Right. Erica apparently takes my sister’s response in the spirit with which it is intended, even though my sister is thinking, “I mean, come on , Erica. This is America. Where would we be without TVs?”

Well, on second thought, maybe we’d better not explore that question just yet . . .

“Are you female?” Erica wants to know now.

“Uh, OK,” my sister is thinking here. “So maybe this Erica is a little slow.”

Because it’s not like my sister’s sign-on, which also happens to be her name, is something like Pat or Terry or Casey or Taylor, something that could lead to some degree of gender confusion.
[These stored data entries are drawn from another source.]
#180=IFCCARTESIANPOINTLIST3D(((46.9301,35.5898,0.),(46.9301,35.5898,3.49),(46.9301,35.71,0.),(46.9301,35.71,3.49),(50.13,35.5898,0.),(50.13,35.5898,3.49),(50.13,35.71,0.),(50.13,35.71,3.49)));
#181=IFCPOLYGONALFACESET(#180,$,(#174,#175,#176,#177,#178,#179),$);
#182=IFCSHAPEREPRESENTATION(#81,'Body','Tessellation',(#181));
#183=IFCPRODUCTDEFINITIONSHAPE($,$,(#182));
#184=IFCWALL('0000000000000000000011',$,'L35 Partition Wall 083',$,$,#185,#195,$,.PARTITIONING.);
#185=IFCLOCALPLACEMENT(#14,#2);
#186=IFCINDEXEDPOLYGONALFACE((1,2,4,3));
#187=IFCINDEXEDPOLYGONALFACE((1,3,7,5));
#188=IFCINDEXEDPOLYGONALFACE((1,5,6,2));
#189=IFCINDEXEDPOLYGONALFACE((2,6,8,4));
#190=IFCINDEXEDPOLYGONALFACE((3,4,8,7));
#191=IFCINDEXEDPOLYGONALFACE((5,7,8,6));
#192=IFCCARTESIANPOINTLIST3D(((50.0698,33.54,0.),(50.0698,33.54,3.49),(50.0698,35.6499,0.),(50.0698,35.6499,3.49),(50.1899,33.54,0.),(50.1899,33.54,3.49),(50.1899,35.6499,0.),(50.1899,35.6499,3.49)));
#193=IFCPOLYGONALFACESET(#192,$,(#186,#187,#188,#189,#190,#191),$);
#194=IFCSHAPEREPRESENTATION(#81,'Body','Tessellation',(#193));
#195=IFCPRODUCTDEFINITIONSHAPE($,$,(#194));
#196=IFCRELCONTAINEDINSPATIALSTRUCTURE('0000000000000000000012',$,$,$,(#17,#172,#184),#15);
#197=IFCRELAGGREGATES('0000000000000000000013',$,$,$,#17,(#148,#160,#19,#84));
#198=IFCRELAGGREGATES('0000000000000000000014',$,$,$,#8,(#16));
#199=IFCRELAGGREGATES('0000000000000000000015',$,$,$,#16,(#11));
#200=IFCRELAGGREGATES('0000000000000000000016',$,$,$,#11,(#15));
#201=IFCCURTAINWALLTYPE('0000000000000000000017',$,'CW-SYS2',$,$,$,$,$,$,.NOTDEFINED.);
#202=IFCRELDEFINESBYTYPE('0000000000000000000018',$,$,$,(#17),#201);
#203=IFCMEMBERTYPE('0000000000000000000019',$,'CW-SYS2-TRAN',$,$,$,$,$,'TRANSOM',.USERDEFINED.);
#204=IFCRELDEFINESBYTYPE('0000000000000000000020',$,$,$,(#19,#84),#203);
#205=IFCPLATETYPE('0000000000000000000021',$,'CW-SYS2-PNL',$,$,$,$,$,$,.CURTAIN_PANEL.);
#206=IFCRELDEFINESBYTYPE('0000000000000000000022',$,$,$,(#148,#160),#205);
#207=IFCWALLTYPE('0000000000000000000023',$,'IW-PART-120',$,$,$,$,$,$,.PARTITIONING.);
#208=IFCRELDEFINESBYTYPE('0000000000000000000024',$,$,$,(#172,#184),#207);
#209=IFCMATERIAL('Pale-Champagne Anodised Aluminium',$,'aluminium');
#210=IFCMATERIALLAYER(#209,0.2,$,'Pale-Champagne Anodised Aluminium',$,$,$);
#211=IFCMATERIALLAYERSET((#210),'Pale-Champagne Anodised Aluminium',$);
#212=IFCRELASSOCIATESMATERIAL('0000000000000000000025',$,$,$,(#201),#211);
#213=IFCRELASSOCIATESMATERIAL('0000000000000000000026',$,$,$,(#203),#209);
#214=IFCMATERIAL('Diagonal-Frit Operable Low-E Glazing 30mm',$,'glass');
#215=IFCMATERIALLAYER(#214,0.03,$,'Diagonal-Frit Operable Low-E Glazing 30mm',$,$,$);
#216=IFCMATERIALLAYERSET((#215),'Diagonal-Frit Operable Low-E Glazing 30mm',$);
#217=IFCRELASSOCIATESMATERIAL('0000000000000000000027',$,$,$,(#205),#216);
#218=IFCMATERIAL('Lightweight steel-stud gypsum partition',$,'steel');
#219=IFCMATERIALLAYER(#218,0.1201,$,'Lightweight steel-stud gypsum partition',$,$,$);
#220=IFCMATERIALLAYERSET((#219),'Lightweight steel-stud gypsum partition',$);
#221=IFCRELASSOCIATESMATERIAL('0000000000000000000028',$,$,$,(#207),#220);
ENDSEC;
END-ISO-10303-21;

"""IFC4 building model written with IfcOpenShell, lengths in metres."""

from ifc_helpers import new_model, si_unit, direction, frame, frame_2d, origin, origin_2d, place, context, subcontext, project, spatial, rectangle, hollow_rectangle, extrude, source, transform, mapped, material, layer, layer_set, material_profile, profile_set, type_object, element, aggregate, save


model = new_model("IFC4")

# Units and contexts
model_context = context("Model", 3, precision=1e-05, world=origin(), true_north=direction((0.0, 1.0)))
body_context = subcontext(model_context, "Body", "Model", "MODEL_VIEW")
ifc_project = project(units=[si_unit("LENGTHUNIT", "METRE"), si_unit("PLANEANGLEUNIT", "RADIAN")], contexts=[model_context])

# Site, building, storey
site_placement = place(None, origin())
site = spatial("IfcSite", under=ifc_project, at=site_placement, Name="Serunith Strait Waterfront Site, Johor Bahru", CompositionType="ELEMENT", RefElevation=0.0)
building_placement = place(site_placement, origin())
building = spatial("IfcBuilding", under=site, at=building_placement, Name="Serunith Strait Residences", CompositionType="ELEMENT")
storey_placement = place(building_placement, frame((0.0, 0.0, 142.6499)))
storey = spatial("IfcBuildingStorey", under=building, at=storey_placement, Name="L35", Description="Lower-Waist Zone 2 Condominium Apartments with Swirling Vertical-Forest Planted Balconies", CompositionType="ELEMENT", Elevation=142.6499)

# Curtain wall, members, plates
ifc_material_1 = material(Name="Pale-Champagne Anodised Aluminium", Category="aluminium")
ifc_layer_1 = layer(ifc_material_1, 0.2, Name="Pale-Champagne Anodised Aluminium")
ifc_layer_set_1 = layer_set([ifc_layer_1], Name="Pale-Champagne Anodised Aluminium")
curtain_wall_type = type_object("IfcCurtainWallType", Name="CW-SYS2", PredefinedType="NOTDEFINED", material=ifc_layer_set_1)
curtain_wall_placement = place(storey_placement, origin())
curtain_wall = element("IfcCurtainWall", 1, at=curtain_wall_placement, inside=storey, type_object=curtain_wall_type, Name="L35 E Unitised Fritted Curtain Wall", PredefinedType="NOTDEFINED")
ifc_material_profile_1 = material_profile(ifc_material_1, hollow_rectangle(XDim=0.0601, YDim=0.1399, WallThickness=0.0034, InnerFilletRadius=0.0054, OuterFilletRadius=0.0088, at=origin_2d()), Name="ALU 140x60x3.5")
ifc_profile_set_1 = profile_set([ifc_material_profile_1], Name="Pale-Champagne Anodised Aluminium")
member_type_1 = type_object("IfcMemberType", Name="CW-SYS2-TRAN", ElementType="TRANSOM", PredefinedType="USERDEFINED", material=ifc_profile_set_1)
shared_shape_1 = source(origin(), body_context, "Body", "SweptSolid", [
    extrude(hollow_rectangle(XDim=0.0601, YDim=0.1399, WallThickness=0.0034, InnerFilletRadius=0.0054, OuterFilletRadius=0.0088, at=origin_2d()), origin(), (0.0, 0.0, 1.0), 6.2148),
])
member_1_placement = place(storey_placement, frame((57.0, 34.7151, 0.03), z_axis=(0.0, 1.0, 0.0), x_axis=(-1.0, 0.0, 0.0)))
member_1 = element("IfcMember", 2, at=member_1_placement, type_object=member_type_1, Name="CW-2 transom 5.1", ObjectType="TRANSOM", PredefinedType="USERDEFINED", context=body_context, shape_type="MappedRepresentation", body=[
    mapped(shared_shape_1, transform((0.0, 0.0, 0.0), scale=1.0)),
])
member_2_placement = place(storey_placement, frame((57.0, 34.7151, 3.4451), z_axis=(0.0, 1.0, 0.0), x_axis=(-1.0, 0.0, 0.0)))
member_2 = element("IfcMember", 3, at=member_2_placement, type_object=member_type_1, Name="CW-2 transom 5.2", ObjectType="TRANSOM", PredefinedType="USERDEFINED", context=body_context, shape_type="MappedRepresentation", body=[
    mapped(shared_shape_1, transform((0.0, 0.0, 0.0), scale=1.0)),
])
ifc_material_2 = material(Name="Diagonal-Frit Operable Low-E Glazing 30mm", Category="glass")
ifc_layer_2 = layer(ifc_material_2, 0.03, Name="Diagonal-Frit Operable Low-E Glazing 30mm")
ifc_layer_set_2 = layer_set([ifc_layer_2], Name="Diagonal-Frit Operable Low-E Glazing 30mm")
Not that my sister would ever think of anything remotely like that , of course.

But let’s just say that my sister’s computer proclivities are showing me a whole new side of this woman I thought I knew so well. Truth is, when she bought a minivan I thought I had her down pat.

And I was wrong.

“Can’t you tell from my name?” she tells Erica now. “Of course, I’m female.”

All right. So maybe my sister sounds a little testy here. But you know how computer messages can distort what you have to say. You lose something in tone . It’s hard to convey a real sense of yourself through a computer screen.

But Erica tries.

“Names can be deceiving,” says the latest message, preceded as always, by that peppy little computer tune. “I am male. But I like to go by Erica.”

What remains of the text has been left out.